# Anyone have any tips on a good digital photography magazine ?



## Stumped (Feb 25, 2021)

So awhile back I picked up a magazine called Digital Photography and liked it.  I prefer a paper mag compared to iPad, electronic version etc., but decided to bite the bullet and try their digital subscription thinking I would be able to download the mag or read on their website.  Ive never had a digital subscription so I was mucho disappointed to find that the only way to get the digital subscription was through their app (after paying - they didn't share that bit before ponying up).  I hate apps!  Soooo, does anyone have a favorite photography magazine they like that focuses on best practices and modes to use and practice with for digital 35mm ?  Attached is the guide I picked up but the reg issue seemed good too.  But I cant find it anymore in the US.  I think its UK based.


----------



## mcasan (Feb 26, 2021)

Go to Zino magazines and you can subscribe to many digital photo mags.   Digital magazine subscriptions. Over 6,000 publications.


----------



## Stumped (Feb 26, 2021)

mcasan said:


> Go to Zino magazines and you can subscribe to many digital photo mags.   Digital magazine subscriptions. Over 6,000 publications.


What’s you favorite?


----------



## Paul_DS256 (Feb 26, 2021)

You will likely need to check out many on-line. There are some that are specialized e,g, Outdoor Photography.
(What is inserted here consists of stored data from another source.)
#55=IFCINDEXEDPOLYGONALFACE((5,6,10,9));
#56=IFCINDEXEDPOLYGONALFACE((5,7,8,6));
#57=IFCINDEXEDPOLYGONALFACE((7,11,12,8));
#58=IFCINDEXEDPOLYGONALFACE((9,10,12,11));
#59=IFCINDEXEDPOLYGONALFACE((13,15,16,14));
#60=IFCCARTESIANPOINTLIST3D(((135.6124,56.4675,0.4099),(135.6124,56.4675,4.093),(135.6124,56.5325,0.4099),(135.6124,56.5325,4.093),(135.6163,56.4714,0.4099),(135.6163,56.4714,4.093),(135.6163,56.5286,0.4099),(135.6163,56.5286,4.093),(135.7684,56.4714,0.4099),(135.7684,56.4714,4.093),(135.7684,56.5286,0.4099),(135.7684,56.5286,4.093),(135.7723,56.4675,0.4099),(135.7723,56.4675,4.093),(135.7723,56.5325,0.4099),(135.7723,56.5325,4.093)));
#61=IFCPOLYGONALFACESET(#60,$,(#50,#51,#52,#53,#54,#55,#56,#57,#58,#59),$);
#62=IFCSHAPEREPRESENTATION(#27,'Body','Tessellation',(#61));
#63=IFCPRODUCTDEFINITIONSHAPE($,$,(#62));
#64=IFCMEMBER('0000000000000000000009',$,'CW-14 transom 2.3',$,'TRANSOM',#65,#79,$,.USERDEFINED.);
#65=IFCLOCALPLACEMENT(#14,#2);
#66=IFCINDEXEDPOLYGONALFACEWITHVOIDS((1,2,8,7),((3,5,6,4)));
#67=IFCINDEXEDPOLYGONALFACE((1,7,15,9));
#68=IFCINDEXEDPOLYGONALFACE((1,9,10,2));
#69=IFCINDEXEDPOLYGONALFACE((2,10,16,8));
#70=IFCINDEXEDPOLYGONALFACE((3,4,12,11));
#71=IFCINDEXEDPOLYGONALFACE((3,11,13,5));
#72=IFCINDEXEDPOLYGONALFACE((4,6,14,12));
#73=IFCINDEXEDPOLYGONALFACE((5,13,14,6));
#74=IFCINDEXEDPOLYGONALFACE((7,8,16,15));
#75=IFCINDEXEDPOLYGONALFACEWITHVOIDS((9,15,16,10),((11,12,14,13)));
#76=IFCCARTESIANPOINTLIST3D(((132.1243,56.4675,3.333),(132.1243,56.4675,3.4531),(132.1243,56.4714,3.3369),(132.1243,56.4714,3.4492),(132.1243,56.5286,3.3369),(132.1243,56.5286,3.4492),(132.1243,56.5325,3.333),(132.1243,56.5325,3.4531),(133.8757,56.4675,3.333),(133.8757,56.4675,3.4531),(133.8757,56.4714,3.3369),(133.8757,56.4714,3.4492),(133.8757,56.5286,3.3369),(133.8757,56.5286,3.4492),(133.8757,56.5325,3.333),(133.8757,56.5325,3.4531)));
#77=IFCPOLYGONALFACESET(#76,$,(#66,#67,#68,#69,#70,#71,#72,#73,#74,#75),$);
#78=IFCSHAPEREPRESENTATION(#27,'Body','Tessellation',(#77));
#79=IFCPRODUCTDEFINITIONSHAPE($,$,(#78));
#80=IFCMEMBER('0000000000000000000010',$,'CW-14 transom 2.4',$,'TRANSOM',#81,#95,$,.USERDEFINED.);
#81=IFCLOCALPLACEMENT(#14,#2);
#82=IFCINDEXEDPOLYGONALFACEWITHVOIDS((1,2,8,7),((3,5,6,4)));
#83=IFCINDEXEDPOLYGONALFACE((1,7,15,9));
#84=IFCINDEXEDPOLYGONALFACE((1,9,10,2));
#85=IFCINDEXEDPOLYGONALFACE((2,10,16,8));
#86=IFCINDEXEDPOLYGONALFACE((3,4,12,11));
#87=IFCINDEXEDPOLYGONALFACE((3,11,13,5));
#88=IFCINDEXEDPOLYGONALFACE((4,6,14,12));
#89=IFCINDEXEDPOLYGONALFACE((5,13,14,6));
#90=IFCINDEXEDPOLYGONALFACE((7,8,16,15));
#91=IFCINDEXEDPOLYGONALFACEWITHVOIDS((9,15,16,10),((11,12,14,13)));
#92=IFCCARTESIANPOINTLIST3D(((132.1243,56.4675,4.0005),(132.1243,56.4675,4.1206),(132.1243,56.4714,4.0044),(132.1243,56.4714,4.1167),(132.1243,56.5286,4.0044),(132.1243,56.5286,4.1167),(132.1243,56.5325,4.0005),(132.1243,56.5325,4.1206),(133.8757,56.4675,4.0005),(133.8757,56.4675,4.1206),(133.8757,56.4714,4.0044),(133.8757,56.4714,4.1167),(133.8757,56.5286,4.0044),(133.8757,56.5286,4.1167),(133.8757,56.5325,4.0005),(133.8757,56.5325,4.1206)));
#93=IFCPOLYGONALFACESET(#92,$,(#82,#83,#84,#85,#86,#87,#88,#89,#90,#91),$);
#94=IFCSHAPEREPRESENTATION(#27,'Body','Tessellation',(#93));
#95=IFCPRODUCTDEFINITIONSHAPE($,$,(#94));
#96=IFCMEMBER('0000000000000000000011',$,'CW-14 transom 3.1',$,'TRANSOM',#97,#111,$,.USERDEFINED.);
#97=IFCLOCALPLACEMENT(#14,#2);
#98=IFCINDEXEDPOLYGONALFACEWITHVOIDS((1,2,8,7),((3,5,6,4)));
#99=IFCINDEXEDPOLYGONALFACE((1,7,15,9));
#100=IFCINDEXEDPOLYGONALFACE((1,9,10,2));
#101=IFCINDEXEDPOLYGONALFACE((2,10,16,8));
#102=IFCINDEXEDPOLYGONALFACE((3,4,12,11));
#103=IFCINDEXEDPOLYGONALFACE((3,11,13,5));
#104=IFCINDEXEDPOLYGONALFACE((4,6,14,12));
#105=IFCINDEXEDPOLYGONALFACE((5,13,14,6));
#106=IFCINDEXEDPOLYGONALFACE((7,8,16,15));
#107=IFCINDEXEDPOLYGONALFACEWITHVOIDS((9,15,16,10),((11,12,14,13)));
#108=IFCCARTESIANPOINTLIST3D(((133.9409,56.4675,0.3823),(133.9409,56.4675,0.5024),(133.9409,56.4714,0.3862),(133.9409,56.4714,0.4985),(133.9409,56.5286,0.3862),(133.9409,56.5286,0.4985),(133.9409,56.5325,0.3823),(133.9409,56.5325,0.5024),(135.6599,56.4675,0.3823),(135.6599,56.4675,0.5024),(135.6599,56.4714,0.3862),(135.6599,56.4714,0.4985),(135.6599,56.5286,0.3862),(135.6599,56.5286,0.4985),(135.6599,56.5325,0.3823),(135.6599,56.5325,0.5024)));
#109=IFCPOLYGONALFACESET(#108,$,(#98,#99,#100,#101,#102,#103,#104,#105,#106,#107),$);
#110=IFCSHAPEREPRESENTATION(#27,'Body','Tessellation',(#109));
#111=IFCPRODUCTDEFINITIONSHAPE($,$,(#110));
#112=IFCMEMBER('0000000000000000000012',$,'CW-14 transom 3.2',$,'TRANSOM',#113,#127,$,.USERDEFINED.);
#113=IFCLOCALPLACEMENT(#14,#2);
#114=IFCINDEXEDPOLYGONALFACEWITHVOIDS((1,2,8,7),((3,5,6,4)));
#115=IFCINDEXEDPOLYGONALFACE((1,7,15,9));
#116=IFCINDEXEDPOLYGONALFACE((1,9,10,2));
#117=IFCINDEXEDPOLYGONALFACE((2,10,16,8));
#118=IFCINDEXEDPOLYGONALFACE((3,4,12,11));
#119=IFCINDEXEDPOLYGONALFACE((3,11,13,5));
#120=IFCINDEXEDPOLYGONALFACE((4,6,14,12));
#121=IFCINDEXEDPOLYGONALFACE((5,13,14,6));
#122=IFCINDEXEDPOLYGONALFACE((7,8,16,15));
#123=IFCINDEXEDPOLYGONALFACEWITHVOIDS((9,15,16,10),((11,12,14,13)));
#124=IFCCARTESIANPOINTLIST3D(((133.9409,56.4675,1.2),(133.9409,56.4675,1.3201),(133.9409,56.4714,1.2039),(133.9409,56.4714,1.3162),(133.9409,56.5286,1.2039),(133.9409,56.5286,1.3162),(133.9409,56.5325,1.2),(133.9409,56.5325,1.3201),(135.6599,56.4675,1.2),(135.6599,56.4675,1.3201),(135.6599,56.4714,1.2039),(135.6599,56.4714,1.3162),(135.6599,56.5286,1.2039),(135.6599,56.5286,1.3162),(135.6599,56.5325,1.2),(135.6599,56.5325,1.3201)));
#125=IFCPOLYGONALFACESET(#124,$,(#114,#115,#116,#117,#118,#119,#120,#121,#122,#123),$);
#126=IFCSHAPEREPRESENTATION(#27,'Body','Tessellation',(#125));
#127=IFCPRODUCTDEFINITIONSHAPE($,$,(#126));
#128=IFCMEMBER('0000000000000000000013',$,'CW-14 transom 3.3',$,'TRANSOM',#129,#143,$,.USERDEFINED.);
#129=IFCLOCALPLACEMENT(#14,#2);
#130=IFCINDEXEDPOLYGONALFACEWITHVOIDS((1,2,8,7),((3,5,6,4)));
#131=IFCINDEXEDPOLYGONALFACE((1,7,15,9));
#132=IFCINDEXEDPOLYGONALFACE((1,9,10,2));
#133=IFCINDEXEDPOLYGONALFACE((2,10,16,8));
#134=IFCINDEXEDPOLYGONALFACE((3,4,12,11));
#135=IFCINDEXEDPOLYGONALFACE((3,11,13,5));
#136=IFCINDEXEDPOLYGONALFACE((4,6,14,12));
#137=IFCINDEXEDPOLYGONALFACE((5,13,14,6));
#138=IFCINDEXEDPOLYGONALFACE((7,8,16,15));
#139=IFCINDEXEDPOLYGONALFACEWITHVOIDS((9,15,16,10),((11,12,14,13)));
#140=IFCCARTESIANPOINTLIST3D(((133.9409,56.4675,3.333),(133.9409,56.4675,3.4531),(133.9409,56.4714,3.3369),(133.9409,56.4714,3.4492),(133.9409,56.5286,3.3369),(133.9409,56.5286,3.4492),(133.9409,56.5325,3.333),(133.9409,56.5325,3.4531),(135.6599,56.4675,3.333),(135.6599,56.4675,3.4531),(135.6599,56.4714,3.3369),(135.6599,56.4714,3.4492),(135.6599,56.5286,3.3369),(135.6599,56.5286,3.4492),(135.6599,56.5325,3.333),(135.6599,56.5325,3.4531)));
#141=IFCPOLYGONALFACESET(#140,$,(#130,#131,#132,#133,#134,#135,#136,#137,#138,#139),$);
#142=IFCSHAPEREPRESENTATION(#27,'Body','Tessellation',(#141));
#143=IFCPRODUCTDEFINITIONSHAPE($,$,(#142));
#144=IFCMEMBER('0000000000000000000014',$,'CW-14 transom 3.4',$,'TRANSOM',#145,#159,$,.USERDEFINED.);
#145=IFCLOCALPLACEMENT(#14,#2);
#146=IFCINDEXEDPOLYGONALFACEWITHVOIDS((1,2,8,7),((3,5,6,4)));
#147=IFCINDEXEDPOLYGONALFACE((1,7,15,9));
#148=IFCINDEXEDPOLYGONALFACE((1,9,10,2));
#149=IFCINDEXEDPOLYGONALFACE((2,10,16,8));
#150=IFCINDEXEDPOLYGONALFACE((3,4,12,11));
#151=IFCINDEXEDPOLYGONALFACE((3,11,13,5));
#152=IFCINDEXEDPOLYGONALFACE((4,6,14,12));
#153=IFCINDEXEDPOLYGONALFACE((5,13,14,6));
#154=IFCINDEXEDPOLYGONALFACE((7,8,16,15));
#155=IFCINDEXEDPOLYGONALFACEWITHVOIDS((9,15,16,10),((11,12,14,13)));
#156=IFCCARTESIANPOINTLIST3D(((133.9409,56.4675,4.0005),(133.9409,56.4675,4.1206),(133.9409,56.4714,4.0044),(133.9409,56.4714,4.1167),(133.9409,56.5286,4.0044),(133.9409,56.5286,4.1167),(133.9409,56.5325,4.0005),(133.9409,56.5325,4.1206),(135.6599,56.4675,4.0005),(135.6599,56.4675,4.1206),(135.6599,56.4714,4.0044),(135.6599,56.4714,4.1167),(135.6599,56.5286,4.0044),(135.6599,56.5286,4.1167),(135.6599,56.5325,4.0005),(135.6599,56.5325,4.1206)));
Also check out your library (if it's open). They will likely have some you can skim through.

My library provides access to tje on-line subscription service PressReader  for magazines and papers which also include photography magazines.  I know you prefer paper but with on-line, you have access to more than one paper subscription. With my library, they are all free!

There are also blogs. I daily check out PetaPixel and Fstoppers.


----------



## PhilBurton (Feb 26, 2021)

Also try the website www.dpreview.com

Phil


----------



## mcasan (Mar 2, 2021)

Stumped said:


> What’s you favorite?


Digital Photographer, Outdoor Photographer


----------



## mcasan (Mar 8, 2021)

If into nature/wildlife photography:    WildPlanet Photo Mag.     Wild Planet Photo Magazine 
 Landscape Photo Mag.  Landscape Photography Magazine 

You can download the PDFs.


----------



## mcasan (Mar 12, 2021)

BTW, Zinio seems to be running a special of 2 years for the price of 1.    Also photo mags were on sale.


----------



## Billip (Mar 28, 2021)

If you're mostly a Canon user I would suggest EOS magazine. It's quarterly on subscription, and is specific to, but independent of, Canon.


----------



## Stumped (Jun 10, 2021)

Thanks all....  For some reason I missed these last couple of replies I think....  So last Dec my son gave a sub to Outdoor Photography for Christmas.  A paper sub.  BUT - I never got it and they didn't reply to his requests - only refunded his money.  He tried again, but through the magazine and not Amazon and I was suppose to start receiving it in April. So far, nothing!

Now ive resorted to just using the Libby app and reading on the iPad different mags digitally - but I still prefer paper....

The Digital Photography pic I posted above was, I think, a special periodical issue - not a regular magazine issue.


----------